Il voler nascondere il rischio di tale potenziale sfaldamento della coesione della UE sotto il tappeto del buon ordine dei conti pubblici tedeschi, che consente loro di affrontare il caro-bollette con un indebitamento straordinario che l’Italia, ad esempio, non si può permettere a causa del proprio disavanzo nel rapporto fra PIL e debito pubblico (allo stato, oltre il 150%), nasconde il pregiudizio ideologico di ritenere applicabile il primato europeo solo per imporre più adeguato «livello di protezione».
«Chi stabilisce dove sta la maggiore protezione? Faccio tre esempi che riguardano sia il diritto italiano sia quello europeo: l’aborto, l’eutanasia e la condizione dei migranti. Per l’aborto deve pesare di più il diritto di autodeterminazione della donna o quello alla vita dell’embrione? Per l’eutanasia è più conforme alla dignità dell’individuo la libertà di decidere di porre fine alla propria vita nei casi estremi oppure la protezione del valore della vita in qualsiasi caso, fino a quando la morte non sopraggiunga da sé? Infine, per i migranti prevale il diritto all’accoglienza oppure i diritti dei cittadini a difendere “la casa propria”? Si capisce a prima vista che su questi temi è decisivo non quale sia il maggiore o minore livello di protezione, ma chi decide in proposito: l’Europa o lo Stato Nazionale. Tutti parlano di diritti, il linguaggio dei diritti è universale, ma la concezione di essi cambia a seconda dei governi e delle loro politiche. E noi, a questo riguardo, stiamo probabilmente per sperimentare un salto nel vuoto o, peggio, un salto nel buio», spiega ancora Zagrebelsky nell’intervista.

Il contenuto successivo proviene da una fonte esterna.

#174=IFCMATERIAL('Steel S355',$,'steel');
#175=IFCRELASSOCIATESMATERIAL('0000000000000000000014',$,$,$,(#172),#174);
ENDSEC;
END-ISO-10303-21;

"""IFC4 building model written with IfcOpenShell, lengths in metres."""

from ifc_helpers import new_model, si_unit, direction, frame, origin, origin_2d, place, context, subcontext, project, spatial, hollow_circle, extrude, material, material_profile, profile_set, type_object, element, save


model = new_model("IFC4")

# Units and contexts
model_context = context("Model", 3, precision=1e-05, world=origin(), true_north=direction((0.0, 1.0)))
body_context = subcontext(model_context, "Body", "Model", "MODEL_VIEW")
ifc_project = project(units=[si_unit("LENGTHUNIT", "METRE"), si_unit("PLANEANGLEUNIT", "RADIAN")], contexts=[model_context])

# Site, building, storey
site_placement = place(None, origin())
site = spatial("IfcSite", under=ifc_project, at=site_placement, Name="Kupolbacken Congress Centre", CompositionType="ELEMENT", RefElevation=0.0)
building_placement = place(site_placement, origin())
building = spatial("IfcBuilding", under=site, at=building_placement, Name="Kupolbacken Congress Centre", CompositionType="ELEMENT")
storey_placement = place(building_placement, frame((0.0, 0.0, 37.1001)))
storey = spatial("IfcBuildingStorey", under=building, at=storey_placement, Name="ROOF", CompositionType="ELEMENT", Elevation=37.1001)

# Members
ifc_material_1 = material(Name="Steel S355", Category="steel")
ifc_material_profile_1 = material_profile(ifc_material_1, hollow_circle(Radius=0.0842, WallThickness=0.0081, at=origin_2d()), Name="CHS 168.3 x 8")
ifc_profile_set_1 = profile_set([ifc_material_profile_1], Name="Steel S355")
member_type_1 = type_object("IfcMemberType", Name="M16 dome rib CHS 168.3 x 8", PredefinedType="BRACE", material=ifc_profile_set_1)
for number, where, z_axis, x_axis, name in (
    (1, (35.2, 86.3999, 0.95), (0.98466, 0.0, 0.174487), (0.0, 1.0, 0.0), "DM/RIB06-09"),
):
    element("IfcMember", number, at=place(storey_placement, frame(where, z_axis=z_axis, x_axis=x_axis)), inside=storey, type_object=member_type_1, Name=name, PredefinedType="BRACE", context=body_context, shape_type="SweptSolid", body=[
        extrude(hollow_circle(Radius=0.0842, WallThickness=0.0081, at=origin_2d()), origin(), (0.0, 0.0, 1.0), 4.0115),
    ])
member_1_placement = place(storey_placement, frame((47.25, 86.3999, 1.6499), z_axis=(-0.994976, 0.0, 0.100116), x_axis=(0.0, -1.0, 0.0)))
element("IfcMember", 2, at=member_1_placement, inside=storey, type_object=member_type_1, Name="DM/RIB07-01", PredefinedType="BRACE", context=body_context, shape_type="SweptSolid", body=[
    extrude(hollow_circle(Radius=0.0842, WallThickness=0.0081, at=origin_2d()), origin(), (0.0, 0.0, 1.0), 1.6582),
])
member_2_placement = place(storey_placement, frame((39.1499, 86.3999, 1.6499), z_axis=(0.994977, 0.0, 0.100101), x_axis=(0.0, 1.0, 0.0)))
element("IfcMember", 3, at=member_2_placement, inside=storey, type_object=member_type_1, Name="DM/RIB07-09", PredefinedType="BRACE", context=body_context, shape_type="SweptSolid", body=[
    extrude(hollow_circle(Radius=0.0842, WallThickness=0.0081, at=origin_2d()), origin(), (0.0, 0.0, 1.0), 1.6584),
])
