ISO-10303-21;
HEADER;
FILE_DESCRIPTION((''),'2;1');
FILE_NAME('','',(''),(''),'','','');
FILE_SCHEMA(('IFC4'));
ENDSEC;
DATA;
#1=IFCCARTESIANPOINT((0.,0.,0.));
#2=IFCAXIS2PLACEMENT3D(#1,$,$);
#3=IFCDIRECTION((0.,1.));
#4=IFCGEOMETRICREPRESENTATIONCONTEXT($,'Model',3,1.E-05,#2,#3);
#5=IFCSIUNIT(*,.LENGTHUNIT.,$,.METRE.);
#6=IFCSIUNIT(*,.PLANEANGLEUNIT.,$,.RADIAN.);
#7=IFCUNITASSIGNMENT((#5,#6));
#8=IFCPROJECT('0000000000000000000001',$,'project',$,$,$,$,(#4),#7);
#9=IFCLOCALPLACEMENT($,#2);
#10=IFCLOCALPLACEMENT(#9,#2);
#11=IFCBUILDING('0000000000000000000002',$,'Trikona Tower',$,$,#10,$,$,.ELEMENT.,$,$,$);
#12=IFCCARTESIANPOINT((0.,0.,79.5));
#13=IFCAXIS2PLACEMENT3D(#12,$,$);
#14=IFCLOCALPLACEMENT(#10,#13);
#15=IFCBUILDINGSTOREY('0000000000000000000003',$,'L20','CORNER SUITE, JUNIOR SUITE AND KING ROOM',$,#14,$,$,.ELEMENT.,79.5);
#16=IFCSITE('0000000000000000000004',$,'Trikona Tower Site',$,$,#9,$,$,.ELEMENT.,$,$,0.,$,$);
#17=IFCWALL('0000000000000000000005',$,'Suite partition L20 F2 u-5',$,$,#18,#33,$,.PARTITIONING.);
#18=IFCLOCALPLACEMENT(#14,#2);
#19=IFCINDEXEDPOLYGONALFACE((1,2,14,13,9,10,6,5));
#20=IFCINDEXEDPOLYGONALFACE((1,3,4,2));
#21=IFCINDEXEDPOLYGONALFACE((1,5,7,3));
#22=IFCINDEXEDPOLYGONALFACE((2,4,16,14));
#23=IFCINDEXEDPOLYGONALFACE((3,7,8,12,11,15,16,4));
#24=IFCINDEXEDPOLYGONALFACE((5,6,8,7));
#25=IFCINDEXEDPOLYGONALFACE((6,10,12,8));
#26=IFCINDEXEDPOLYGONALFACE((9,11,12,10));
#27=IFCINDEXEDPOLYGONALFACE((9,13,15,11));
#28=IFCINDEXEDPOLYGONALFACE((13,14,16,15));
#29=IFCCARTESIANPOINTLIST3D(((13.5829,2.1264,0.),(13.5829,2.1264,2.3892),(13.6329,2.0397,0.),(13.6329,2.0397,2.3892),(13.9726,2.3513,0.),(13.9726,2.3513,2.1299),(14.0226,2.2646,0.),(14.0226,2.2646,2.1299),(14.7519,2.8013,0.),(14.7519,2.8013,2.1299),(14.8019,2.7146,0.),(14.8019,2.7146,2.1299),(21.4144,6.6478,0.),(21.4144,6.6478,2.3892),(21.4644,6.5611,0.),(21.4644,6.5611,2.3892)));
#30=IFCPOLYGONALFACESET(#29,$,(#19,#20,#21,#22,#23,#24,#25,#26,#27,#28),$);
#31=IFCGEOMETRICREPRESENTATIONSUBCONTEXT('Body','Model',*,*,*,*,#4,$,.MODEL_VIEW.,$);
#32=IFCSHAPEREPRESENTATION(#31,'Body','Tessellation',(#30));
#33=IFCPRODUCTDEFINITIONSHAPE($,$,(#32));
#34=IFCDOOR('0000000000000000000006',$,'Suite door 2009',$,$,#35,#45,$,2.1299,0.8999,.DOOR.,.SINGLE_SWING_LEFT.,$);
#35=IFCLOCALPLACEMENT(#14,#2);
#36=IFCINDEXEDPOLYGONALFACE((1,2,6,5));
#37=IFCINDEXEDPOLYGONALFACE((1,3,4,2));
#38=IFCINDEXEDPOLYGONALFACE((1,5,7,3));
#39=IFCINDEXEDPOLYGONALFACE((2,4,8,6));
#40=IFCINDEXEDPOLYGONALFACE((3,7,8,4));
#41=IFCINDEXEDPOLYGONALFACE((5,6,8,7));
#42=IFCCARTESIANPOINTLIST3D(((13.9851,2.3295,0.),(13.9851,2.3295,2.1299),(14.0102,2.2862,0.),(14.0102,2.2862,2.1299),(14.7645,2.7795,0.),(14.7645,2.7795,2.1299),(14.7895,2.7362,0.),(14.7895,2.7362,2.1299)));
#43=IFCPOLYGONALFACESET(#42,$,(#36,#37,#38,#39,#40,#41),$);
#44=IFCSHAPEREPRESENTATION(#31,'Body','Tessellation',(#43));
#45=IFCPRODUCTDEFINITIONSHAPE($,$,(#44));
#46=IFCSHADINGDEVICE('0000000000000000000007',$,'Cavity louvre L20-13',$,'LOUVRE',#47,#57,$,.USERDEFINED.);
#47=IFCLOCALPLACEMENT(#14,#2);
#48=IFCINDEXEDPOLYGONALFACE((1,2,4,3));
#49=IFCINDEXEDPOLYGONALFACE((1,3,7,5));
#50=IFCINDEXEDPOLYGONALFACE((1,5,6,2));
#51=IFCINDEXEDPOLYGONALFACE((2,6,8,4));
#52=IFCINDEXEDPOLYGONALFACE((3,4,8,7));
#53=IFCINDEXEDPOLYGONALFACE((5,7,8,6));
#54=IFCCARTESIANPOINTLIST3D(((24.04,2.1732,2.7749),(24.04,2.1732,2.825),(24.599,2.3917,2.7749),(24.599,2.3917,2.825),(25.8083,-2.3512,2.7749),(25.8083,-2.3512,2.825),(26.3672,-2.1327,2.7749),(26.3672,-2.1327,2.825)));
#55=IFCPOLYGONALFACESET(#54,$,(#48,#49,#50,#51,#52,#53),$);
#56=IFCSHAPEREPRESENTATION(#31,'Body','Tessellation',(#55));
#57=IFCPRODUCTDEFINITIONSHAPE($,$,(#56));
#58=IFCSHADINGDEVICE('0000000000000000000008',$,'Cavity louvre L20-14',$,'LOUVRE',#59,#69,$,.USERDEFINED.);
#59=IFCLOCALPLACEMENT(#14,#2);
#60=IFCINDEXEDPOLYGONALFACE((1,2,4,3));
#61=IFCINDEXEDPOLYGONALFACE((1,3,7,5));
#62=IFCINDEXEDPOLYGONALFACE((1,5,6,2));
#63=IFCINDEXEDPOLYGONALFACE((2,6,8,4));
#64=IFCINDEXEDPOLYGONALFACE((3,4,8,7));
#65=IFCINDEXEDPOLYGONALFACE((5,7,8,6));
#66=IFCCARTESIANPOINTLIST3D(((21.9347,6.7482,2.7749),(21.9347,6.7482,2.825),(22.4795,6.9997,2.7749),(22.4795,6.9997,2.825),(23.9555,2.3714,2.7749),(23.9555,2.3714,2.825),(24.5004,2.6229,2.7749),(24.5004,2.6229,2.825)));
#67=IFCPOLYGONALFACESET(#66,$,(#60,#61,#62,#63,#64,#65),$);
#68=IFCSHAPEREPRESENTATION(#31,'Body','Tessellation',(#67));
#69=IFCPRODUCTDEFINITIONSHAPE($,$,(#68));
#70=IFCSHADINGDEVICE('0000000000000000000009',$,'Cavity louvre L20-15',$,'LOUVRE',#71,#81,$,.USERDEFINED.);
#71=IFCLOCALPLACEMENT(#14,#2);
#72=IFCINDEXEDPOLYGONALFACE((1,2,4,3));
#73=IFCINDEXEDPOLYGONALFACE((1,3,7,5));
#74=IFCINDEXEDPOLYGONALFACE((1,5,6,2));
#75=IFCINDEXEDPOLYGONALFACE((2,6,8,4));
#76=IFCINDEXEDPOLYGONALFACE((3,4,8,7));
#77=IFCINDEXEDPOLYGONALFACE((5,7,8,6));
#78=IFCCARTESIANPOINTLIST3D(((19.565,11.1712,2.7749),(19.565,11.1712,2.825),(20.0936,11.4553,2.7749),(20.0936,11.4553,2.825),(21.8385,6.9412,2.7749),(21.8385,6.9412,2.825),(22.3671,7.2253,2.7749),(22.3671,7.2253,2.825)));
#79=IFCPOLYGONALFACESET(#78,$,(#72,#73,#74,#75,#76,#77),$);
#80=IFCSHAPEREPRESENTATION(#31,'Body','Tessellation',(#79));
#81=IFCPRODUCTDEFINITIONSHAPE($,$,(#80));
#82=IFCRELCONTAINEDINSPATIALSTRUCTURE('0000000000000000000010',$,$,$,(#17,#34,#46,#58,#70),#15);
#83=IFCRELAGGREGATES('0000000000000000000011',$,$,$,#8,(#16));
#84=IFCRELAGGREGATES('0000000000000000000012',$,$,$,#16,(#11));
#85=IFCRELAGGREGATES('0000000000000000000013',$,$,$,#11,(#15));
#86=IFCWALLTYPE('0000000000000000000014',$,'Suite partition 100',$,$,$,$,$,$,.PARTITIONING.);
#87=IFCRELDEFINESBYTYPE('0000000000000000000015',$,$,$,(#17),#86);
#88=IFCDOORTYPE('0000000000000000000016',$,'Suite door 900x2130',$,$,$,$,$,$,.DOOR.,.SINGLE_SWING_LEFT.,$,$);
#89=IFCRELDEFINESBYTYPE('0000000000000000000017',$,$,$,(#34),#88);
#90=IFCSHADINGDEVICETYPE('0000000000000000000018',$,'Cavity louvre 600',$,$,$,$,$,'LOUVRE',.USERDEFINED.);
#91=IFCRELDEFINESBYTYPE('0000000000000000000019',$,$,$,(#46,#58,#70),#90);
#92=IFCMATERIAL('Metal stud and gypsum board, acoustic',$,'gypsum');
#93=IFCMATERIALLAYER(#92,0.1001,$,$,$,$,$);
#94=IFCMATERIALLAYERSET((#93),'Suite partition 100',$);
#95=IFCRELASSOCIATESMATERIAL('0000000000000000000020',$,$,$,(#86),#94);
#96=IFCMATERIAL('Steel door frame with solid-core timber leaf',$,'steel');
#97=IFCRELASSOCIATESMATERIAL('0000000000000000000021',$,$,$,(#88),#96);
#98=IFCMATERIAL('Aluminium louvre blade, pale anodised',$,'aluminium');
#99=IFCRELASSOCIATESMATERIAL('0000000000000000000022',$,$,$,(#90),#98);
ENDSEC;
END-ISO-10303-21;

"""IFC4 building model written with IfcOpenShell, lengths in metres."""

from ifc_helpers import new_model, si_unit, direction, frame, frame_2d, origin, origin_2d, place, context, subcontext, project, spatial, rectangle, extrude, material, layer, layer_set, type_object, element, fill, save


model = new_model("IFC4")

# Units and contexts
model_context = context("Model", 3, precision=1e-05, world=origin(), true_north=direction((0.0, 1.0)))
body_context = subcontext(model_context, "Body", "Model", "MODEL_VIEW")
ifc_project = project(units=[si_unit("LENGTHUNIT", "METRE"), si_unit("PLANEANGLEUNIT", "RADIAN")], contexts=[model_context])

# Site, building, storey
site_placement = place(None, origin())
site = spatial("IfcSite", under=ifc_project, at=site_placement, Name="Trikona Tower Site", CompositionType="ELEMENT", RefElevation=0.0)
building_placement = place(site_placement, origin())
building = spatial("IfcBuilding", under=site, at=building_placement, Name="Trikona Tower", CompositionType="ELEMENT")
storey_placement = place(building_placement, frame((0.0, 0.0, 79.5)))
storey = spatial("IfcBuildingStorey", under=building, at=storey_placement, Name="L20", Description="CORNER SUITE, JUNIOR SUITE AND KING ROOM", CompositionType="ELEMENT", Elevation=79.5)

# Wall, opening, door
ifc_material_1 = material(Name="Metal stud and gypsum board, acoustic", Category="gypsum")
ifc_layer_1 = layer(ifc_material_1, 0.1001)
ifc_layer_set_1 = layer_set([ifc_layer_1], Name="Suite partition 100")
wall_type_1 = type_object("IfcWallType", Name="Suite partition 100", PredefinedType="PARTITIONING", material=ifc_layer_set_1)
wall_1_placement = place(storey_placement, frame((13.6079, 2.083, 0.0), z_axis=(0.0, 0.0, 1.0), x_axis=(0.866028, 0.499995, 0.0)))
wall_1 = element("IfcWall", 1, at=wall_1_placement, inside=storey, type_object=wall_type_1, Name="Suite partition L20 F2 u-5", PredefinedType="PARTITIONING", context=body_context, shape_type="SweptSolid", body=[
    extrude(rectangle(XDim=9.043, YDim=0.1001, at=frame_2d((4.5215, 0.0))), origin(), (0.0, 0.0, 1.0), 2.3892),
])
opening_1_placement = place(wall_1_placement, frame((0.45, 0.0, 0.0)))
opening_1 = element("IfcOpeningElement", 2, at=opening_1_placement, cuts=wall_1, PredefinedType="OPENING", context=body_context, shape_type="SweptSolid", body=[
    extrude(rectangle(XDim=0.8999, YDim=2.1299, at=frame_2d((0.45, 1.0649))), frame((0.0, 0.0601, 0.0), z_axis=(0.0, -1.0, 0.0), x_axis=(1.0, 0.0, 0.0)), (0.0, 0.0, 1.0), 0.1201),
])
ifc_material_2 = material(Name="Steel door frame with solid-core timber leaf", Category="steel")
door_type = type_object("IfcDoorType", Name="Suite door 900x2130", OperationType="SINGLE_SWING_LEFT", PredefinedType="DOOR", material=ifc_material_2)
door_placement = place(opening_1_placement, origin())
door = element("IfcDoor", 3, at=door_placement, inside=storey, type_object=door_type, Name="Suite door 2009", OperationType="SINGLE_SWING_LEFT", OverallHeight=2.1299, OverallWidth=0.8999, PredefinedType="DOOR", context=body_context, shape_type="SweptSolid", body=[
    extrude(rectangle(XDim=0.8999, YDim=2.1299, at=frame_2d((0.45, 1.0649))), frame((0.0, 0.0249, 0.0), z_axis=(0.0, -1.0, 0.0), x_axis=(1.0, 0.0, 0.0)), (0.0, 0.0, 1.0), 0.05),
])
fill(opening_1, door)

# Shading devices
ifc_material_3 = material(Name="Aluminium louvre blade, pale anodised", Category="aluminium")
shading_device_type = type_object("IfcShadingDeviceType", Name="Cavity louvre 600", ElementType="LOUVRE", PredefinedType="USERDEFINED", material=ifc_material_3)
shading_device_1_placement = place(storey_placement, frame((25.2036, 0.0203, 2.7749), z_axis=(0.0, 0.0, 1.0), x_axis=(-0.364009, 0.931395, 0.0)))
element("IfcShadingDevice", 4, at=shading_device_1_placement, inside=storey, type_object=shading_device_type, Name="Cavity louvre L20-13", ObjectType="LOUVRE", PredefinedType="USERDEFINED", context=body_context, shape_type="SweptSolid", body=[
    extrude(rectangle(XDim=4.8577, YDim=0.6001, at=origin_2d()), origin(), (0.0, 0.0, 1.0), 0.05),
])
shading_device_2_placement = place(storey_placement, frame((23.2175, 4.6855, 2.7749), z_axis=(0.0, 0.0, 1.0), x_axis=(-0.419194, 0.907897, 0.0)))
element("IfcShadingDevice", 5, at=shading_device_2_placement, inside=storey, type_object=shading_device_type, Name="Cavity louvre L20-14", ObjectType="LOUVRE", PredefinedType="USERDEFINED", context=body_context, shape_type="SweptSolid", body=[
    extrude(rectangle(XDim=4.8208, YDim=0.6001, at=origin_2d()), origin(), (0.0, 0.0, 1.0), 0.05),
])
shading_device_3_placement = place(storey_placement, frame((20.9661, 9.1982, 2.7749), z_axis=(0.0, 0.0, 1.0), x_axis=(-0.473423, 0.880835, 0.0)))
element("IfcShadingDevice", 6, at=shading_device_3_placement, inside=storey, type_object=shading_device_type, Name="Cavity louvre L20-15", ObjectType="LOUVRE", PredefinedType="USERDEFINED", context=body_context, shape_type="SweptSolid", body=[
    extrude(rectangle(XDim=4.8022, YDim=0.6001, at=origin_2d()), origin(), (0.0, 0.0, 1.0), 0.05),
])

save(model, "model.ifc")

Il “buio” sarebbe quello del “popolo bue”, che ha “malamente” votato come propri rappresentanti uomini e donne non allineati alle manfrine progressiste di Bruxelles? Siamo sicuri che gli “euro-burocrati”, ovvero i giudici della Corte di Giustizia europea, siano di per sé più illuminati ed illuminanti al riguardo? E’ sovranismo pensare che, pur nel rispetto delle attribuzioni e competenze degli organi direttivi dell’Unione rispetto agli Stati membri, i Parlamenti nazionali debbano rimanere i rappresentanti esclusivi della volontà del popolo sovrano, specie in materia di vita o di morte?